How do I get CIDER REPL error line numbers?

I’m trying to fix my CIDER setup. It’s been one of those nagging minor annoyances I haven’t been able to fix for a very long time

I edit my .clj files, fix functions, run little tests. Once some piece of code is (re)written I’m typically running cider-eval-defun-at-point or cider-eval-buffer (which I have bound to F-keys) and working through my problem interactively. Things get updated on the fly and on the whole it works kinda as expected.

The issue is that when I hit any error I get opaque stack traces that don’t specify line numbers in the file. Instead I get in-REPL errors - usually with unnamed lambdas. It makes hunting down the error location take longer than it should and can kinda breaks my flow

I can guess why… CIDER seems to be pushing the eval’d form into the REPL - so it’s original location is sort of lost. But is there some way to fix this? Or to work around it?

How do I stream line my workflow here?

PS: I tried to post about it on the CIDER Github but didn’t hear anything back: How do I get line numbers for expressions "sent" to the REPL · clojure-emacs/cider · Discussion #3328 · GitHub

EDIT:

Example stack trace

1. Unhandled java.lang.ClassCastException
   class clojure.lang.LazySeq cannot be cast to class java.lang.Number
   (clojure.lang.LazySeq is in unnamed module of loader 'app';
   java.lang.Number is in module java.base of loader 'bootstrap')

              Numbers.java:  175  clojure.lang.Numbers/multiply
                      REPL:  594  hw3/eval59084
                      REPL:  556  hw3/eval59084
             Compiler.java: 7194  clojure.lang.Compiler/eval
             Compiler.java: 7149  clojure.lang.Compiler/eval
                  core.clj: 3215  clojure.core/eval

This stuff that looks like REPL: 594 hw3/eval59084 doesn’t give you a spot to jump to

The Cider docs describe the Cider tools to navigate the stack trace it displays, providing tools to focus on specific aspects of the error. Perhaps these stack trace tools may help.

cider-stacktrace-jump should in most cases jump to the location in source code where the error occurred. There many be some limitations if the error occurred in a Java library and the Java sources are not configured for CIDER (although looking at the Java code may not be that useful anyway)
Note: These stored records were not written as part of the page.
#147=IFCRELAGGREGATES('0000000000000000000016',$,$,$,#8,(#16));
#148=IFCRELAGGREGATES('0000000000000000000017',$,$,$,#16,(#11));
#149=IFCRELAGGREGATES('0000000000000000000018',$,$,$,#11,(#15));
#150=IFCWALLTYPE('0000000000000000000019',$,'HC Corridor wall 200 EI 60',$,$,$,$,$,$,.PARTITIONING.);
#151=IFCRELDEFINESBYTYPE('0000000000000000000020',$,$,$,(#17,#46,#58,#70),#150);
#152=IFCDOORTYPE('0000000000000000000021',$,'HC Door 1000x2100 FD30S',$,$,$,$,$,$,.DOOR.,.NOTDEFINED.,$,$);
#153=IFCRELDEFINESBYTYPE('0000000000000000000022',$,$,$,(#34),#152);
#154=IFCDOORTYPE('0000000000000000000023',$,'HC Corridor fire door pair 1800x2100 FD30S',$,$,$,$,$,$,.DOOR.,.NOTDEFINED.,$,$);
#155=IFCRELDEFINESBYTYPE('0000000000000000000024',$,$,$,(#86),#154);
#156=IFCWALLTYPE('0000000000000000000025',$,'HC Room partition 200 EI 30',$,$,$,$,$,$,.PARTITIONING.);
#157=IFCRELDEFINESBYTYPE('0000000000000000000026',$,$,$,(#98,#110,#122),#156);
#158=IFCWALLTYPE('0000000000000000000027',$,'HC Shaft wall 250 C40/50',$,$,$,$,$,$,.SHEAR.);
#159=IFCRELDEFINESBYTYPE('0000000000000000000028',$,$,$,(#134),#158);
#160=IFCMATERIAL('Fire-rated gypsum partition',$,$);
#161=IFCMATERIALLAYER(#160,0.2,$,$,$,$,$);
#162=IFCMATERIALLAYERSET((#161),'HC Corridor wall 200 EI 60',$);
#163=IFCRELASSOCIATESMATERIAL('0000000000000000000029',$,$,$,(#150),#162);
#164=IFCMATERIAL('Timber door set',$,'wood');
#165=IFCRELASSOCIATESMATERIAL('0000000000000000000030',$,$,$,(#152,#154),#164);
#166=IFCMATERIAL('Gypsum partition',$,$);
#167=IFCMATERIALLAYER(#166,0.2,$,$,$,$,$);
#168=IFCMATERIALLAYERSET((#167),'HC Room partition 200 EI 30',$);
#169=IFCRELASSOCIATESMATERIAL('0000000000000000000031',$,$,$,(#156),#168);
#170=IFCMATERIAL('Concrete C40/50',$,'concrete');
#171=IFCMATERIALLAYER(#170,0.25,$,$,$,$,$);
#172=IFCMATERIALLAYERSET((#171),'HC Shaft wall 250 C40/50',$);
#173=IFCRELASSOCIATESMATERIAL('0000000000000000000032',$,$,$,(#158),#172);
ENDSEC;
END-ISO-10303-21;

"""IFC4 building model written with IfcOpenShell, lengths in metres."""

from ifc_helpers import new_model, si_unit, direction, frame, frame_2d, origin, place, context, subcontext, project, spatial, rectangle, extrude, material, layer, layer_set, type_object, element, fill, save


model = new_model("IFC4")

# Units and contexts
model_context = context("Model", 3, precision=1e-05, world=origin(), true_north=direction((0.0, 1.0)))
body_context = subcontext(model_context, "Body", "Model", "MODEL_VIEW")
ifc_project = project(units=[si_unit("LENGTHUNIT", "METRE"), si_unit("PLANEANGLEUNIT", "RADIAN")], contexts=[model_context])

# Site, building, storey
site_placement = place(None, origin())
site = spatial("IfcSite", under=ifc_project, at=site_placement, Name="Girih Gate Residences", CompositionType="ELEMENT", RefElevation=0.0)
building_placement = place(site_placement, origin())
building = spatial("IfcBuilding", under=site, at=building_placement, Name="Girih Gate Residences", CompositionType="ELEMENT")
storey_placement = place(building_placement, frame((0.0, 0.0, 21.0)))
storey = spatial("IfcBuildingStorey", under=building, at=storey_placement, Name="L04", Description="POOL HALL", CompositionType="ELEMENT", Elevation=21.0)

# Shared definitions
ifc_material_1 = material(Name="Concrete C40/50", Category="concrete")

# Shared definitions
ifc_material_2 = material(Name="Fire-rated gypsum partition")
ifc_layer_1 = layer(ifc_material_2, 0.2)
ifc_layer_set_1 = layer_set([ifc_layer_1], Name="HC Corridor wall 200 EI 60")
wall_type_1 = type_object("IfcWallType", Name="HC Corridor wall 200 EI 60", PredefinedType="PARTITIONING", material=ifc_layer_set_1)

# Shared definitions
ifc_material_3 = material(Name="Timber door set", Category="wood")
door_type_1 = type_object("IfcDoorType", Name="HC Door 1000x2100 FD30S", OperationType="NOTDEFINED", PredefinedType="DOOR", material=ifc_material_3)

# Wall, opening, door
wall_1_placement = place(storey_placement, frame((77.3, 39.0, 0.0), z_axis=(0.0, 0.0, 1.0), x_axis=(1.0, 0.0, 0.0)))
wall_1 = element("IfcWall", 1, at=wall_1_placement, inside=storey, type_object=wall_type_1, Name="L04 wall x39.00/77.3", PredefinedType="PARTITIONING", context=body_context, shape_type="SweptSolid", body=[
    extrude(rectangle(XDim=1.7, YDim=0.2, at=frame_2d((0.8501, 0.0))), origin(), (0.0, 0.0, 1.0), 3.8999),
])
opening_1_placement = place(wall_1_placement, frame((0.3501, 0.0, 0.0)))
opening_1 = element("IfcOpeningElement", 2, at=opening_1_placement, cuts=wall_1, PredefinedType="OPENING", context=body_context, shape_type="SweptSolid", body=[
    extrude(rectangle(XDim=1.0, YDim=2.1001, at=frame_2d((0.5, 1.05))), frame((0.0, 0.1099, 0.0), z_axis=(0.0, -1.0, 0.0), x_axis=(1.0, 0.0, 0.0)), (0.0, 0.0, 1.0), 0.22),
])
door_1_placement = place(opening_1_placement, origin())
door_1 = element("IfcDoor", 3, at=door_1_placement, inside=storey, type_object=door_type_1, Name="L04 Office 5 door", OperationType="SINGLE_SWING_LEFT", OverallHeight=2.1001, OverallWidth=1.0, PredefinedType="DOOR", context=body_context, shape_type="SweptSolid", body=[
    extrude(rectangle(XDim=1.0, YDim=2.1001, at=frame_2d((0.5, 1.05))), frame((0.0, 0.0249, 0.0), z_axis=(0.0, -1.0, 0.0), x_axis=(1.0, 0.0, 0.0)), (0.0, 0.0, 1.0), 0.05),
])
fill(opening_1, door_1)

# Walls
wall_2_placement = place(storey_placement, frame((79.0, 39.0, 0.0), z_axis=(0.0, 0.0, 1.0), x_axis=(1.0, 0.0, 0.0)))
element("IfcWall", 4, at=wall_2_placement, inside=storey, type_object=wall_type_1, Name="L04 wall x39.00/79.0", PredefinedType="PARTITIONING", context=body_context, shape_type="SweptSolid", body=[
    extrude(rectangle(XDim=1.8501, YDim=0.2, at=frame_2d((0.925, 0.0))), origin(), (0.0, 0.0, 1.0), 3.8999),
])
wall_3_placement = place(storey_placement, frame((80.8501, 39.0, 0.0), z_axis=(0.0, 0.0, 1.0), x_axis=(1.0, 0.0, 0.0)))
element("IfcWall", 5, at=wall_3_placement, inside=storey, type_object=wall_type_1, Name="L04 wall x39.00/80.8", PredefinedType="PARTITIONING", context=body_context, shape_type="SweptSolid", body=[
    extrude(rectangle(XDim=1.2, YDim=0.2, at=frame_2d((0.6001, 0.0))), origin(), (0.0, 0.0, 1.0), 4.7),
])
Where there are unnamed functions in the stack trace, some mitigation can be made by defining a name when anonymous functions are used (fn name [args] ,,,) rather than (fn [args] ,,,)

I should say upfront that hopefully you will get a much better answer from someone who works on CIDER or Clojure! I’m just a user of both who pokes around at things, so take what I say with appropriate doses of salt. You also might have better luck in a CIDER-focused stream on the Clojurians Zulip.

To answer questions like this, it really helps to dig into the Clojure source, and think about things like “how does the runtime even know what line and column numbers to associate with an exception when it is thrown in the first place?” There are lots of pieces to the answer, but an important one is that when Clojure is reading expressions using read that it is going to compile using eval, it uses a LineNumberingPushbackReader to keep track of the lines and columns of the file it is parsing, and (for example) here is where the LispReader class seems to attach that information as metadata to a list that it has just read. Then when eval is generating the byte code that the list compiles into, it can attach the line and column information to the compiled code in the format that the JVM consults when exceptions get thrown.

So when a tool like CIDER tells Clojure to recompile an entire file, there is a pretty clear answer to how it will be possible to give you nice line and column information when exceptions are thrown.

But what should happen when you are just evaluating an isolated expression? Well, maybe there would be a way for CIDER in coordination with its nrepl middleware to pre-initialize a LineNumberingPushbackReader so that it would know the line number in the file that your chunk of code begins at, and pass that in to the Clojure read/eval process. If this would be valuable enough for you, this might be an MR that you could consider trying to contribute yourself. But my own feeling is that it is not valuable enough that I would want to try it. Once you start editing and compiling pieces of a file, the line numbers quickly become meaningless. If you add or remove lines, the trick I am describing could make them correct for the chunk of code you just compiled, but all code that lives after that in the file would suddenly have incorrect line numbers attached to it, because it was compiled before you added or removed lines.

So if you are working in such a way that you want the line numbers to be right, so you can do things like jumping to the source of the error, the easy and completely correct way to achieve that is to simply always recompile the entire file.